At some period in the Church’s history the idea took root that theology is only for priests. Frank Sheed, an author and publisher who has done much to promote a greater knowledge of theology among laymen, recalls that when he was a boy he remarked to a priest how sad it was that a layman could not get a course in theology. The priest looked at him in mild astonishment and answered: “But why should you study theology? You are not obliged to.

That, of course, was where the priest was wrong. The fact of the matter is quite plainly that we are obliged to study theology. For theology is the study of God. It is the explanation of our faith, telling us not only what we believe but why we believe it. It is light for our minds and food for our souls. Many Orthodox Christians have come to believe that theology is some kind of secret society, quite alright for priests and those who like to go in for that sort of thing. And perhaps this mentality more than any other accounts for the shocking indifferentism and lukewarmness in the Church. When people are cut off from theology, they are cut off from life. When they lose interest in increasing their knowledge about God, they automatically decrease their knowledge about everything else. It is as though they more or less deliberately threw away the key to life’s meaning and closed their ears to the voice of hope in the Pandora box of the world.

Studying theology is, in a broad sense, a maturing process. Most Orthodox Christians are biased towards taking their faith for granted because they were born of parents who were Orthodox Christians. We were baptized, received our first Holy Communion and received the Sacrament of Confirmation all at one time, long before we reached adulthood. As children we memorized our prayers, were hustled off to Church on Sunday and studied our catechism. We weren’t ever too sure why we did these things: but we were children and in our innocence this obedience was sufficient. If the little Protestant kid next door asked us why we went to Confession and Communion, we hastily avoided an answer because we really didn’t have an answer to give. Sometimes being an Orthodox Christian chafed a bit. But we got used to it. We accepted the pattern and tried desperately to be like everyone else at the same time. As we grew up we became occupied with many things: our interests broadened and life opened its arms to us: gradually our religion stiffened into a formal routine, rather lifeless practice.

Fortunately this is not true of all of us; but it is true of far too many of us. “When I was a child,” said St. Paul, “I did the things of a child; but now that I have become a man I have put away the things of childhood.” Too many Orthodox Christians never get far beyond the cradle stage of their faith. That is why the Church’s great work in the modern world is the work of convincing us to grow up: to become spiritually mature. As children our faith was blind: as adults it should be intelligent. There is no virtue that is not enlightened virtue and all ignorance is vice. We should not only accept, for example, the fact of the Trinity but make some effort to understand it. It is a great practical error to assume that the truths of our faith are mysteries and therefore cannot be understood. They are indeed mysteries but they are intelligible mysteries. We must always remember that theology is God’s revelation: it is God telling us about Himself. Now God does not speak to confuse us, but to instruct us. His manner of speaking isn’t always immediately clear but the fact that He has spoken at one time should be enough to arouse our interest. Theology only tells us what He said.
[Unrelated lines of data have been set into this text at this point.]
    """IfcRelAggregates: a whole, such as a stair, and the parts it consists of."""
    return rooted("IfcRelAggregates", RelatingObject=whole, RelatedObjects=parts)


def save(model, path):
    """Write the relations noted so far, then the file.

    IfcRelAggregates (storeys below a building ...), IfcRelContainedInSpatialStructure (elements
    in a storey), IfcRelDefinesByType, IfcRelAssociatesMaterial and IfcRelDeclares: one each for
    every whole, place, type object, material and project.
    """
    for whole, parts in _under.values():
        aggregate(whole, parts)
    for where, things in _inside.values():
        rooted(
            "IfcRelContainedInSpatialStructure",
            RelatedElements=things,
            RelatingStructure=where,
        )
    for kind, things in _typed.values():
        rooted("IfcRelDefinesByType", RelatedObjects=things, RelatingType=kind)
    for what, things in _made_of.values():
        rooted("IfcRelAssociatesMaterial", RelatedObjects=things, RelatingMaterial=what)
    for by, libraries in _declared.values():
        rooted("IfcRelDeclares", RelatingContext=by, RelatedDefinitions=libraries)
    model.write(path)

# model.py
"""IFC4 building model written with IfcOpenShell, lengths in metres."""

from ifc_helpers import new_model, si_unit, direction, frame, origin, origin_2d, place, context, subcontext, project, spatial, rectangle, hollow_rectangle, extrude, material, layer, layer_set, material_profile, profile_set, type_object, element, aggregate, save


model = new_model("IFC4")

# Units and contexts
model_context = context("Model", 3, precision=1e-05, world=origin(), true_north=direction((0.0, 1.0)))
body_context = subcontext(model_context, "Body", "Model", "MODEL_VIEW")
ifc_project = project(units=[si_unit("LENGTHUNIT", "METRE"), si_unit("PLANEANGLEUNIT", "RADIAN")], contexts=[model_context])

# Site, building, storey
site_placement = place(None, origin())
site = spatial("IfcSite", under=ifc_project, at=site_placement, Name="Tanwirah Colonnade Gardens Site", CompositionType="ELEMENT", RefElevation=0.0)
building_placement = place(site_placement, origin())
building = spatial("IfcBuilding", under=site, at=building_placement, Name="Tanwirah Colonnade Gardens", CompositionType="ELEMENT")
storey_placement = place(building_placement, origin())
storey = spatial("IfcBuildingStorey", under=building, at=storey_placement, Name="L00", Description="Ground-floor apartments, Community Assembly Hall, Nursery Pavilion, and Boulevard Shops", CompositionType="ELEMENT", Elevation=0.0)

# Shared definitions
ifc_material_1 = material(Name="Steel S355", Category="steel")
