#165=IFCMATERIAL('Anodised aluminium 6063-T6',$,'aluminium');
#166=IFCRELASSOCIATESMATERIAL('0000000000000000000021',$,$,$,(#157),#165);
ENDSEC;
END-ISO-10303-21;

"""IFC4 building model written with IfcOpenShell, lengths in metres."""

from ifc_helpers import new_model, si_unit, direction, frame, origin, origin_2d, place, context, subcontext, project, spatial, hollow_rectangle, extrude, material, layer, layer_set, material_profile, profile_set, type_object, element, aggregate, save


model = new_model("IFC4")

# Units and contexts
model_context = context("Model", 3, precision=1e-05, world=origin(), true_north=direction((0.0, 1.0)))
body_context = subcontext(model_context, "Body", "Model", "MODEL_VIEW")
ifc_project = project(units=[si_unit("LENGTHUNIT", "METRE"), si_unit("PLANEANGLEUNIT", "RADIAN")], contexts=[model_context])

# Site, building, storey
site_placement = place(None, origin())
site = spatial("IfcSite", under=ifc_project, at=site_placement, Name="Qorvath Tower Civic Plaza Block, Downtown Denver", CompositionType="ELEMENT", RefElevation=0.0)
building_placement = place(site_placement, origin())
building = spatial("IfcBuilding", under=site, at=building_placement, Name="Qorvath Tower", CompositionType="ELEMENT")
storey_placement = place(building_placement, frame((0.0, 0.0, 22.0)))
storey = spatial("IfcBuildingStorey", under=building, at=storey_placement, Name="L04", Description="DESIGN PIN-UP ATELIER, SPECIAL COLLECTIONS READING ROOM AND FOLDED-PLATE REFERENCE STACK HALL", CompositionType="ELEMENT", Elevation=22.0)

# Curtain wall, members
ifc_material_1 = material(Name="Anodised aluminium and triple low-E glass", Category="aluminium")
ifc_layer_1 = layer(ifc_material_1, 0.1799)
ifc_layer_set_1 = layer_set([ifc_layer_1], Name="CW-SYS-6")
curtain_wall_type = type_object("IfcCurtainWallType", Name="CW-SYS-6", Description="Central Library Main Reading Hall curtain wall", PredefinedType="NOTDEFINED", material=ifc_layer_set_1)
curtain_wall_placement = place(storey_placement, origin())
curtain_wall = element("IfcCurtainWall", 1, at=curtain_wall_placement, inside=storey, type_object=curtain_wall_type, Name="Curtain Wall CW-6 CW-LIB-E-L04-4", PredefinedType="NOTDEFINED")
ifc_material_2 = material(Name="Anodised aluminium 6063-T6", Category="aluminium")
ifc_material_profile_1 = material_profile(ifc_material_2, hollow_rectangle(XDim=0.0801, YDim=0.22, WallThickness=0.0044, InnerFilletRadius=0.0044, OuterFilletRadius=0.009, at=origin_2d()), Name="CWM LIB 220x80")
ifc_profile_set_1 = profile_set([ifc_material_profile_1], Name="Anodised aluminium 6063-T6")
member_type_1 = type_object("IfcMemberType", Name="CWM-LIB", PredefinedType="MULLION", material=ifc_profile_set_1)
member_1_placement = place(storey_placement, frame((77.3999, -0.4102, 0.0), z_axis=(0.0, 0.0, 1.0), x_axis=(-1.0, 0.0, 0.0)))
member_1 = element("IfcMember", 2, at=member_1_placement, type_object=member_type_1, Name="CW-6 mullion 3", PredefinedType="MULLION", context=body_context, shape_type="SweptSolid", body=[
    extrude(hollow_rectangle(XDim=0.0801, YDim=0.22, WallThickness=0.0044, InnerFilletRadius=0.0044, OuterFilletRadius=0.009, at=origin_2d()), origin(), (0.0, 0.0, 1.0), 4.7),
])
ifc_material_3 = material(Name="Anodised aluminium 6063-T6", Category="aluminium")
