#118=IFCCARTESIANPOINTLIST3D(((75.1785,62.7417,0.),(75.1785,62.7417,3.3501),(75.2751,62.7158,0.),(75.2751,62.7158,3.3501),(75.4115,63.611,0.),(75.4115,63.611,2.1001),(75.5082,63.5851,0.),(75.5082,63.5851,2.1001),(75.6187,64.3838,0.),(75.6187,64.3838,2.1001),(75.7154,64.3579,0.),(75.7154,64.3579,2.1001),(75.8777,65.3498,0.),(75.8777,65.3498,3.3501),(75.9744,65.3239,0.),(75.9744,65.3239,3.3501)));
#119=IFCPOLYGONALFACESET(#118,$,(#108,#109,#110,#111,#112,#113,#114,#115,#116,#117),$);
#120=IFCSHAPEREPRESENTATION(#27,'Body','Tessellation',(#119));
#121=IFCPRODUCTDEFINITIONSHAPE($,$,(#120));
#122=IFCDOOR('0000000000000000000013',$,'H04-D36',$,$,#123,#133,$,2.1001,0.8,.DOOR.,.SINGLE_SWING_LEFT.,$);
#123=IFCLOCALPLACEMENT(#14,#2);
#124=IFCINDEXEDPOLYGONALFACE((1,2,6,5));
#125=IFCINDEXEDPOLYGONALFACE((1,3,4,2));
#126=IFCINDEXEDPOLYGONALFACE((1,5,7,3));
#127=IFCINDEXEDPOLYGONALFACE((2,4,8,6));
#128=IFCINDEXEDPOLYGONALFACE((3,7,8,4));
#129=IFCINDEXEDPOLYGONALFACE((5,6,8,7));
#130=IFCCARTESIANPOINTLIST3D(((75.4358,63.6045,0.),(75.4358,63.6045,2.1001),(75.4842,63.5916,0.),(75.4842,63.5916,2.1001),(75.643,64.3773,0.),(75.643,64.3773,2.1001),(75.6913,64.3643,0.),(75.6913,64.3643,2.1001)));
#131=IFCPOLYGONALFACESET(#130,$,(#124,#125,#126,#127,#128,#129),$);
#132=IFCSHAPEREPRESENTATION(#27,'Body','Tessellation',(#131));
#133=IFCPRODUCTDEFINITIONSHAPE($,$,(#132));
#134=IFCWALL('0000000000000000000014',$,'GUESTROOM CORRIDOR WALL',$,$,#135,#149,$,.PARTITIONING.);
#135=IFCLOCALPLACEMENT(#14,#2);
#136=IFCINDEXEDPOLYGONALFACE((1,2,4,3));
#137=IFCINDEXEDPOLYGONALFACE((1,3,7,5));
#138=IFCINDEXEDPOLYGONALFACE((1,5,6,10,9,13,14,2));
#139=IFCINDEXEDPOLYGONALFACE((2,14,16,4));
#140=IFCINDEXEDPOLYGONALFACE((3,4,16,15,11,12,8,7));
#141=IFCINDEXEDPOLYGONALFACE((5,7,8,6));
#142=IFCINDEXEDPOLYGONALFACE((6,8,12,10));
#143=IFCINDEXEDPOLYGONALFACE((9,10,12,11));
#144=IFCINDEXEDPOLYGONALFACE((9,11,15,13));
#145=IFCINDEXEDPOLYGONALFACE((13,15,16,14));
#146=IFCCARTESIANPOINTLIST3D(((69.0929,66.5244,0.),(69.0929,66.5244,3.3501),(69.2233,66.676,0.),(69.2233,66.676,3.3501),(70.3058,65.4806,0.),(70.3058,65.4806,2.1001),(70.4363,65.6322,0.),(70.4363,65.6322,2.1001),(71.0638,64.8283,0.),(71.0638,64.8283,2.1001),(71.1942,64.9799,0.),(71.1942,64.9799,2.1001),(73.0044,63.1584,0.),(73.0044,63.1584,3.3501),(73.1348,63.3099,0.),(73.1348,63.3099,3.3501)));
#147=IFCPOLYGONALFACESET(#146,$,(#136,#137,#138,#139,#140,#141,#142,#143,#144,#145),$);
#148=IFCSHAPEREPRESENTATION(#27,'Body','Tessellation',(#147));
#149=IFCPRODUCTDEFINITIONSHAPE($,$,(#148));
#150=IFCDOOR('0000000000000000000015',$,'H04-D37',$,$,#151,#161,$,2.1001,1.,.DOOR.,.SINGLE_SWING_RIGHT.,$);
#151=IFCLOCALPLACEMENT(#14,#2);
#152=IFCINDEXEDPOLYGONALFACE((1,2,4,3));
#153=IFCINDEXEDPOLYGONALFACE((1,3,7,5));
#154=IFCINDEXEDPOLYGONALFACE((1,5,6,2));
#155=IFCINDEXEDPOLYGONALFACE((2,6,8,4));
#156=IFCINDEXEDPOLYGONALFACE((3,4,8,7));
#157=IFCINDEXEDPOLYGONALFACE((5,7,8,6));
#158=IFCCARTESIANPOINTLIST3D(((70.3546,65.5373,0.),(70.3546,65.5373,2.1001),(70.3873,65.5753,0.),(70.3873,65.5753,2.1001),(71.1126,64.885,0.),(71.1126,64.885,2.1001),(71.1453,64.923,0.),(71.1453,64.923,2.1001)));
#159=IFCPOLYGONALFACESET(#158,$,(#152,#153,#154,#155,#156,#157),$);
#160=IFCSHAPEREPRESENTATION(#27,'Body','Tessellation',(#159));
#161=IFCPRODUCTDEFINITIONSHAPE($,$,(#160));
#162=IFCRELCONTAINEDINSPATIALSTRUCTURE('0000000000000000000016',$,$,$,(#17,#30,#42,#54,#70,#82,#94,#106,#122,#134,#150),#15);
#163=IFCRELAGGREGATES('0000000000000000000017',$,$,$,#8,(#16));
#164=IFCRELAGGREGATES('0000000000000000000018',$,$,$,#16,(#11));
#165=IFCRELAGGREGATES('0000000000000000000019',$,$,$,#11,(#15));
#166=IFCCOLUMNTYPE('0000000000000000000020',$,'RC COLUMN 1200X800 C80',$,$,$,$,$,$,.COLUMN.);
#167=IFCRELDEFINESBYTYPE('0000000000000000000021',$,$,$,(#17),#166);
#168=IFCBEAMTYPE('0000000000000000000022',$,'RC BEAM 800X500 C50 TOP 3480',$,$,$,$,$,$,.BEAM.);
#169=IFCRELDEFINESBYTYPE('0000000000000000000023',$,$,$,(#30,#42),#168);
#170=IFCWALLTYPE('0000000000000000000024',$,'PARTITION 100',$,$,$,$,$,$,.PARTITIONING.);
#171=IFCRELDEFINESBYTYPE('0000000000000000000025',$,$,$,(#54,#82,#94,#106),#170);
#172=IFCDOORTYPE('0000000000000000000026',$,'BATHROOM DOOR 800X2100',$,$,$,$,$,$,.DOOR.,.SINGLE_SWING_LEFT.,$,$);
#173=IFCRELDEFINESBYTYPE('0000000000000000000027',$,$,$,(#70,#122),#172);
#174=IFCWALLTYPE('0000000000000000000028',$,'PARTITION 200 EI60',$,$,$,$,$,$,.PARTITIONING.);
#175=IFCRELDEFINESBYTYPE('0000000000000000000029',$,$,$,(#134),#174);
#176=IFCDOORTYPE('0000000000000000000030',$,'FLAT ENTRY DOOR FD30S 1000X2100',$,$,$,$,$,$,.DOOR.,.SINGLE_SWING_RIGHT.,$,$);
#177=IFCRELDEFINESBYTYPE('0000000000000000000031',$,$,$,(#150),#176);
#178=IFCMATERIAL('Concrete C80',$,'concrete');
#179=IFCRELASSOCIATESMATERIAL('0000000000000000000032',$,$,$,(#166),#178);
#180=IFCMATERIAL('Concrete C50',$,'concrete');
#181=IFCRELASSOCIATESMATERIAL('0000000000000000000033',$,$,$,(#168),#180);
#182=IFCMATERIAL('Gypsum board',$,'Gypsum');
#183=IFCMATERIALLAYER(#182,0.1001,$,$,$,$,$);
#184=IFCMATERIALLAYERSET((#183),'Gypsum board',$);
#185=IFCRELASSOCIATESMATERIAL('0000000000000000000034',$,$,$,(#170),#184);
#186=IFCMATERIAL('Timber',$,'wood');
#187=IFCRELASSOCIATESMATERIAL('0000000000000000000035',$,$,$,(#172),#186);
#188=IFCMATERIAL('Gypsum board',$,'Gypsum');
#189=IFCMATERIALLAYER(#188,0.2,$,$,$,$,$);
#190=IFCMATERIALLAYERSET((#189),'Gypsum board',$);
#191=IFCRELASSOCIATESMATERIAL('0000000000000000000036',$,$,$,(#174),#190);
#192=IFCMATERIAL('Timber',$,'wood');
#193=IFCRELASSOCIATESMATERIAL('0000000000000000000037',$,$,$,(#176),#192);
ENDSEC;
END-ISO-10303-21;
It is sometimes said that theology is too deep for the average person. That is another practical error. Many of us may be ignorant, but very few of us are stupid. Our Blessed Lord did not hesitate to expound the deep truths of the Eucharist and Grace and the Mystical Body to the simple country folk of His time. Precisely in the degree of their ignorance, He taught. Precisely in the degree of our ignorance, we should learn.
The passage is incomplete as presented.